Find the indefinite integral in two ways.
∫(2x-1)^2 dx
The first way I used was using the power rule and chain rule with substitution.
Let u = 2x - 1
du = 2 dx
(1/2)∫ u^2 du
(Applying power rule)
(1/2) * (u^3/3) + C
=(2x-1)^3/6 + C
What would be another way of finding the indefinite integral??
Just expand the polynomial and integrate all the terms:
4x^2-4x+1 dx
Another way of finding the indefinite integral of ∫(2x-1)^2 dx is by expanding the expression and then integrating each term separately.

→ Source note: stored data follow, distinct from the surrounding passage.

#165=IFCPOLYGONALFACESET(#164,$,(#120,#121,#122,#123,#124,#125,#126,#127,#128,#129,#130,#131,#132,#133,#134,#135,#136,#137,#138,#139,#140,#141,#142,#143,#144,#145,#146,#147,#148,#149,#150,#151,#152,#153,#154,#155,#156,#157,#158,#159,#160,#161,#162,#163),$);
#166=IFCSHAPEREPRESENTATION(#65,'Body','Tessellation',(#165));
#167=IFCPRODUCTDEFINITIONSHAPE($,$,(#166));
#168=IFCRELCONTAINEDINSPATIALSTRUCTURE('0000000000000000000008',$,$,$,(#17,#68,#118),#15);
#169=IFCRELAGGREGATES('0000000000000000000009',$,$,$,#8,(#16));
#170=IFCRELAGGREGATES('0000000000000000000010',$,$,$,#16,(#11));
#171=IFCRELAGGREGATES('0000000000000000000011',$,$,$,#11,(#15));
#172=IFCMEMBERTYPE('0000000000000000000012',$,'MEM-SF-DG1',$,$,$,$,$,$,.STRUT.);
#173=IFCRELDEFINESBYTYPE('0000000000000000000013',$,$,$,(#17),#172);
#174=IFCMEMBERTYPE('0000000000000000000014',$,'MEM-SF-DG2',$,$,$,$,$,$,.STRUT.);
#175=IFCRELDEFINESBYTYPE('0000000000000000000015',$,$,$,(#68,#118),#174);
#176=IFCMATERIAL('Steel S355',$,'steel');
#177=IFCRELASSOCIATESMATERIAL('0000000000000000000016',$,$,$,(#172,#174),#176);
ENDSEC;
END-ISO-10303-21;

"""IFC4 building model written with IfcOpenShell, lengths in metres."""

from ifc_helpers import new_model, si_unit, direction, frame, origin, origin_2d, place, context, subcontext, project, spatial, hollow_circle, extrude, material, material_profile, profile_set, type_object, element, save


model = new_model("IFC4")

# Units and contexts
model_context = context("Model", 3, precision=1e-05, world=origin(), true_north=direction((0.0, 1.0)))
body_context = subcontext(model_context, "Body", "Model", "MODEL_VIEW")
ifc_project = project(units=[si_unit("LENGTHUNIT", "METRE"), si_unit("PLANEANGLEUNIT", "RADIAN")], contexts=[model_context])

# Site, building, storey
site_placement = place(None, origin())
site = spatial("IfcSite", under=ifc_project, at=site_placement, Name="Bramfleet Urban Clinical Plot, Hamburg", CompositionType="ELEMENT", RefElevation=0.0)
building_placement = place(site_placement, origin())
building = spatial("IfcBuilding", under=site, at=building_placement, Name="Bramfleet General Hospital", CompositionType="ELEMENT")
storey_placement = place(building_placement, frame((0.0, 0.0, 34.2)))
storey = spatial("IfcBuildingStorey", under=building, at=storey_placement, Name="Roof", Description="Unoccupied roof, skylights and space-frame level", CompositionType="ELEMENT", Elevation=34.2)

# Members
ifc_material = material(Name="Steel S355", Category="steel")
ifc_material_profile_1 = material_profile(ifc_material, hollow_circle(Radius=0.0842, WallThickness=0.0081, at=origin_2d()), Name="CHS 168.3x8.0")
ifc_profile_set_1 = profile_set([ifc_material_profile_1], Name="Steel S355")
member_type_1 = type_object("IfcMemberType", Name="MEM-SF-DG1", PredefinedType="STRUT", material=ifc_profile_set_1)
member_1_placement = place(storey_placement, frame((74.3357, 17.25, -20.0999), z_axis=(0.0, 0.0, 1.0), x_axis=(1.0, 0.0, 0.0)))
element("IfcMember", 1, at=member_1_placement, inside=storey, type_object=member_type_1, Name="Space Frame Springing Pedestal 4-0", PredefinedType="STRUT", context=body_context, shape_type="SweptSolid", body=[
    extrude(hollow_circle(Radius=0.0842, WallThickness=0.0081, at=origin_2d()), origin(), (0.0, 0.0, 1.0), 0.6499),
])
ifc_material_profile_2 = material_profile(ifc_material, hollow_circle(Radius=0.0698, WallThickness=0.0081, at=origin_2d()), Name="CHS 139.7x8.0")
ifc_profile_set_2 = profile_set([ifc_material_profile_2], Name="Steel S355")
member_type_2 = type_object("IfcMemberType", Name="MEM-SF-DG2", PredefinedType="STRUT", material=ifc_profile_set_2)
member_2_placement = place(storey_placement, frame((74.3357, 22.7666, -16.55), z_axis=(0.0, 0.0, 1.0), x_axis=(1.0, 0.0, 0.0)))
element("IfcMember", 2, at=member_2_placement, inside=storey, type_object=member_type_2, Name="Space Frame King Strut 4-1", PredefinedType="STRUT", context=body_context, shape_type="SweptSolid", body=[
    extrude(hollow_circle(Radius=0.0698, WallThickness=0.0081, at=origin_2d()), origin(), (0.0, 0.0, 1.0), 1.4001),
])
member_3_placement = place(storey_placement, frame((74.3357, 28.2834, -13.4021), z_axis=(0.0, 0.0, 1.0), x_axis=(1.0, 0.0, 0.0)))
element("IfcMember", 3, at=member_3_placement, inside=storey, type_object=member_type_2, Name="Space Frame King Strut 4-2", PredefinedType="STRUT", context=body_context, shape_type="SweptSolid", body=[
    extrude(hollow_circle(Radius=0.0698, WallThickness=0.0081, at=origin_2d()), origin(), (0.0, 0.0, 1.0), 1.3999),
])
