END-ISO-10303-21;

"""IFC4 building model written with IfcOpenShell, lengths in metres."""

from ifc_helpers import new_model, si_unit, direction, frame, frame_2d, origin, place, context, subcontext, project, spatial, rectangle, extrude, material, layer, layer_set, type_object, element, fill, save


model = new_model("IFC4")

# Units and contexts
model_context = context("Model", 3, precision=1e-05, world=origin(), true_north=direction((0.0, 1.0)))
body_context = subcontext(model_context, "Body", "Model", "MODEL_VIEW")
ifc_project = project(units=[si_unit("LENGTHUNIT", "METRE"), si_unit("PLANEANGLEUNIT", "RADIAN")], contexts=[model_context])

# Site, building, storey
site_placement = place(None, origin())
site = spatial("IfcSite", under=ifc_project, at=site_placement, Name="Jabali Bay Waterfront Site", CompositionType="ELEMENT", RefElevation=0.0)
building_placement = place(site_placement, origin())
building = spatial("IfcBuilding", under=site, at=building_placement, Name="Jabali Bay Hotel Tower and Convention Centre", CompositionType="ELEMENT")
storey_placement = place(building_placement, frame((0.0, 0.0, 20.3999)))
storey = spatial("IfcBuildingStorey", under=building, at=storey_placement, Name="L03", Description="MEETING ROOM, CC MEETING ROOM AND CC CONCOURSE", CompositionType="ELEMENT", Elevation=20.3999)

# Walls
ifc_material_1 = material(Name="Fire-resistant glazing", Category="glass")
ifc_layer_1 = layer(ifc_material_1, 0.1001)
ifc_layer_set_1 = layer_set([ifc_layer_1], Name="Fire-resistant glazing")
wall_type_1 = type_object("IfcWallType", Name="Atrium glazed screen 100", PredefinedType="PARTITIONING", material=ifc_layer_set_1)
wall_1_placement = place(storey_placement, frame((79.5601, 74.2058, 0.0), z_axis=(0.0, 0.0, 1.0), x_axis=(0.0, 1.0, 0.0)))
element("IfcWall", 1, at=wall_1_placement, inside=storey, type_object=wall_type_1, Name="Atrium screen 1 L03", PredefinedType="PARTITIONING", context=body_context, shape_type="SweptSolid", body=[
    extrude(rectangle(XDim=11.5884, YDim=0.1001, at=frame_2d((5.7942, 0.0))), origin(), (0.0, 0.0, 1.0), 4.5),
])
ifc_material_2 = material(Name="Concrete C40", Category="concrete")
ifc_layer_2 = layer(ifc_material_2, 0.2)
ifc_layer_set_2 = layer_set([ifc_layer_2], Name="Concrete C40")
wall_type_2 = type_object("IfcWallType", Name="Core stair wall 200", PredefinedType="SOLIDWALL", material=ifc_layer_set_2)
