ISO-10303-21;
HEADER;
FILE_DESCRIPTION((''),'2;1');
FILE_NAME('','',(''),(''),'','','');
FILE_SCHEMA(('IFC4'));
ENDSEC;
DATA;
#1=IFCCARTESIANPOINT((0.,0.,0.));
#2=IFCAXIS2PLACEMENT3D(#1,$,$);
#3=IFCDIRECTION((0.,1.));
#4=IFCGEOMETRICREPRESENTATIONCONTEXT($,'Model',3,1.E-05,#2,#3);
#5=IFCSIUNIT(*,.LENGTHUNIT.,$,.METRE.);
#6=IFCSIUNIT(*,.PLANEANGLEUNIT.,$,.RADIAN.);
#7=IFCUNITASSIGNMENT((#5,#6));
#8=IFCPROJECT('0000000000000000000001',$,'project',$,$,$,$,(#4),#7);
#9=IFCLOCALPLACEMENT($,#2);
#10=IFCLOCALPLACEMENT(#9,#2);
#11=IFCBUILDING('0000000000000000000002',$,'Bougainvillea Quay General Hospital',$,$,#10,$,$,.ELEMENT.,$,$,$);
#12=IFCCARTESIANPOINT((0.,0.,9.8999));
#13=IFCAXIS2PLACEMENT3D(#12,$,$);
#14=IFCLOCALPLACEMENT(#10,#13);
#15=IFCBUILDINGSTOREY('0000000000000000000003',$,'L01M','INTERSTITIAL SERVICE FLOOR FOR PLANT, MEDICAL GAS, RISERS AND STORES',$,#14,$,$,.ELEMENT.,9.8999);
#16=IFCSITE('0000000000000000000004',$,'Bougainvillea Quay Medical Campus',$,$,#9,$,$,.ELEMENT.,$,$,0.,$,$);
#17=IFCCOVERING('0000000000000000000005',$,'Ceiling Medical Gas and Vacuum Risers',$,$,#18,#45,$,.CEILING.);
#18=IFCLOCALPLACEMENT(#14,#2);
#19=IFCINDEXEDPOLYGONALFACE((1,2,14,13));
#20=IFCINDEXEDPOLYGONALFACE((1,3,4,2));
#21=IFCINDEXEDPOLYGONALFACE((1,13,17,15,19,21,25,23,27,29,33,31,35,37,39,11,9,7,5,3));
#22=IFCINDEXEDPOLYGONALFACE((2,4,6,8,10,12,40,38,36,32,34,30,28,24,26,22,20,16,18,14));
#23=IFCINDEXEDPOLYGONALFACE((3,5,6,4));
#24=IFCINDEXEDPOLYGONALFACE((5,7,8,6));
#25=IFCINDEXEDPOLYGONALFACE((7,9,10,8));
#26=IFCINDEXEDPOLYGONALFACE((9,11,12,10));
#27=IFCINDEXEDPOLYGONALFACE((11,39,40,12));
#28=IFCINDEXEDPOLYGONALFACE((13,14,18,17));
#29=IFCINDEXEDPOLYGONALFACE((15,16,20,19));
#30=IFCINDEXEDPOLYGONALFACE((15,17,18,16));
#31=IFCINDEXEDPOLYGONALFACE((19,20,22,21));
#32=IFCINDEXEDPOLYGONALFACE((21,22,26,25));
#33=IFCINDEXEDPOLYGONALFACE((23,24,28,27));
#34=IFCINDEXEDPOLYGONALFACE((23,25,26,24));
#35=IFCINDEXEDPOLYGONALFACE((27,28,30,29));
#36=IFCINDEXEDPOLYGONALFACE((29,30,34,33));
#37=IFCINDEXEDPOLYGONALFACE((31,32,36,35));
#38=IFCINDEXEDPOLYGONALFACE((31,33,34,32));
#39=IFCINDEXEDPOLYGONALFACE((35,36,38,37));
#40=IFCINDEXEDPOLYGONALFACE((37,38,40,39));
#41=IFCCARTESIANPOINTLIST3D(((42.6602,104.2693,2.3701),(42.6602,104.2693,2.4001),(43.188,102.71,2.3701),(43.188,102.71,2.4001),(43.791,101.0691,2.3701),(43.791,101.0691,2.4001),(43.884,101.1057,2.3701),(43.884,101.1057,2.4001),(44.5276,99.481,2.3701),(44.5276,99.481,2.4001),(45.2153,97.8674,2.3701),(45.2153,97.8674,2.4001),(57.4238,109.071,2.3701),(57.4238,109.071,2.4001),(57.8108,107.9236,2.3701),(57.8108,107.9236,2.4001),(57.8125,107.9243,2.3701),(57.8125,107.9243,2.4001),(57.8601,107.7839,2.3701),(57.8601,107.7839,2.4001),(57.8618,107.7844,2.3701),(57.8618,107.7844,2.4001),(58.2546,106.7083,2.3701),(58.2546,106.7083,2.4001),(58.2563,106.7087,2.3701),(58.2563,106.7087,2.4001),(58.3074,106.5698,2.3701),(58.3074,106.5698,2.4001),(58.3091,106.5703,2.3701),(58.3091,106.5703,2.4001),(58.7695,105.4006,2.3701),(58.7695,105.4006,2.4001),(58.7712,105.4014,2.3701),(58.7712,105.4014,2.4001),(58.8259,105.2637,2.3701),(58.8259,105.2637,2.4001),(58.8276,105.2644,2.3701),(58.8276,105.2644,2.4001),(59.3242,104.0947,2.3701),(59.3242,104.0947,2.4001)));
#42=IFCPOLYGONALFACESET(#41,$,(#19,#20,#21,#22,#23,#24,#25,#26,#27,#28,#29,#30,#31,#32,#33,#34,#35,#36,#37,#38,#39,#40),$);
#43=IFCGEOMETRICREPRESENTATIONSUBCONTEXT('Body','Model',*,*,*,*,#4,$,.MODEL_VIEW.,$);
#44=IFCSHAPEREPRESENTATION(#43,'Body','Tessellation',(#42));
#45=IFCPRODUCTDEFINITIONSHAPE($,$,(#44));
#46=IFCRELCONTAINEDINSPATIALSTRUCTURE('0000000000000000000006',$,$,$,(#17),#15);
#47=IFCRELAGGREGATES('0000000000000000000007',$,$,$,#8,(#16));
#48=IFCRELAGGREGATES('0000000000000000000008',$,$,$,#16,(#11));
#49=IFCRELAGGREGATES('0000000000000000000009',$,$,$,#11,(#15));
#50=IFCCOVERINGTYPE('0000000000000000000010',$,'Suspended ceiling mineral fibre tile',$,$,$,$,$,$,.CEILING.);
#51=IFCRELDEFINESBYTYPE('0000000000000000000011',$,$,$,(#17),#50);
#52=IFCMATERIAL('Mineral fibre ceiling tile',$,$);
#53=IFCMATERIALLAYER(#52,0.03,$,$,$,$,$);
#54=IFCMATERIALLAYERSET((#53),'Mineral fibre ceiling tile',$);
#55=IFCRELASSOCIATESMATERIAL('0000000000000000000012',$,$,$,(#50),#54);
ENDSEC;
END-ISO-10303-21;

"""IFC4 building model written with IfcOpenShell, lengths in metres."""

from ifc_helpers import new_model, si_unit, direction, frame, origin, place, context, subcontext, project, spatial, polyline, outline, extrude, material, layer, layer_set, type_object, element, save


model = new_model("IFC4")

# Units and contexts
model_context = context("Model", 3, precision=1e-05, world=origin(), true_north=direction((0.0, 1.0)))
body_context = subcontext(model_context, "Body", "Model", "MODEL_VIEW")
ifc_project = project(units=[si_unit("LENGTHUNIT", "METRE"), si_unit("PLANEANGLEUNIT", "RADIAN")], contexts=[model_context])

# Site, building, storey
site_placement = place(None, origin())
site = spatial("IfcSite", under=ifc_project, at=site_placement, Name="Bougainvillea Quay Medical Campus", CompositionType="ELEMENT", RefElevation=0.0)
building_placement = place(site_placement, origin())
building = spatial("IfcBuilding", under=site, at=building_placement, Name="Bougainvillea Quay General Hospital", CompositionType="ELEMENT")
storey_placement = place(building_placement, frame((0.0, 0.0, 9.8999)))
storey = spatial("IfcBuildingStorey", under=building, at=storey_placement, Name="L01M", Description="INTERSTITIAL SERVICE FLOOR FOR PLANT, MEDICAL GAS, RISERS AND STORES", CompositionType="ELEMENT", Elevation=9.8999)

# Covering
ifc_material = material(Name="Mineral fibre ceiling tile")
ifc_layer = layer(ifc_material, 0.03)
ifc_layer_set = layer_set([ifc_layer], Name="Mineral fibre ceiling tile")
covering_type = type_object("IfcCoveringType", Name="Suspended ceiling mineral fibre tile", PredefinedType="CEILING", material=ifc_layer_set)
covering_1_placement = place(storey_placement, frame((0.0, 0.0, 2.3701)))
element("IfcCovering", 1, at=covering_1_placement, inside=storey, type_object=covering_type, Name="Ceiling Medical Gas and Vacuum Risers", PredefinedType="CEILING", context=body_context, shape_type="SweptSolid", body=[
    extrude(outline(polyline([(43.791, 101.0691), (43.884, 101.1057), (44.5276, 99.481), (45.2153, 97.8674), (59.3242, 104.0947), (58.8276, 105.2644), (58.8259, 105.2637), (58.7695, 105.4006), (58.7712, 105.4014), (58.3091, 106.5703), (58.3074, 106.5698), (58.2546, 106.7083), (58.2563, 106.7087), (57.8618, 107.7844), (57.8601, 107.7839), (57.8108, 107.9236), (57.8125, 107.9243), (57.4238, 109.071), (42.6602, 104.2693), (43.188, 102.71), (43.791, 101.0691)])), origin(), (0.0, 0.0, 1.0), 0.03),
])

save(model, "model.ifc")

Expanding the expression (2x-1)^2, we get:
(2x-1)^2 = (2x-1)(2x-1)
= 4x^2 - 2x - 2x + 1
= 4x^2 - 4x + 1
Now we can integrate each term separately:
∫4x^2 dx = (4/3)x^3 + C1 (using power rule)
∫-4x dx = -2x^2 + C2 (using power rule)
∫1 dx = x + C3 (since the integral of a constant is the constant times x)
Combining the integrals, we get:
∫(2x-1)^2 dx = (4/3)x^3 + C1 - 2x^2 + C2 + x + C3
Simplifying further, we can combine the constants:
= (4/3)x^3 - 2x^2 + x + C
So, the indefinite integral of ∫(2x-1)^2 dx can also be written as (4/3)x^3 - 2x^2 + x + C.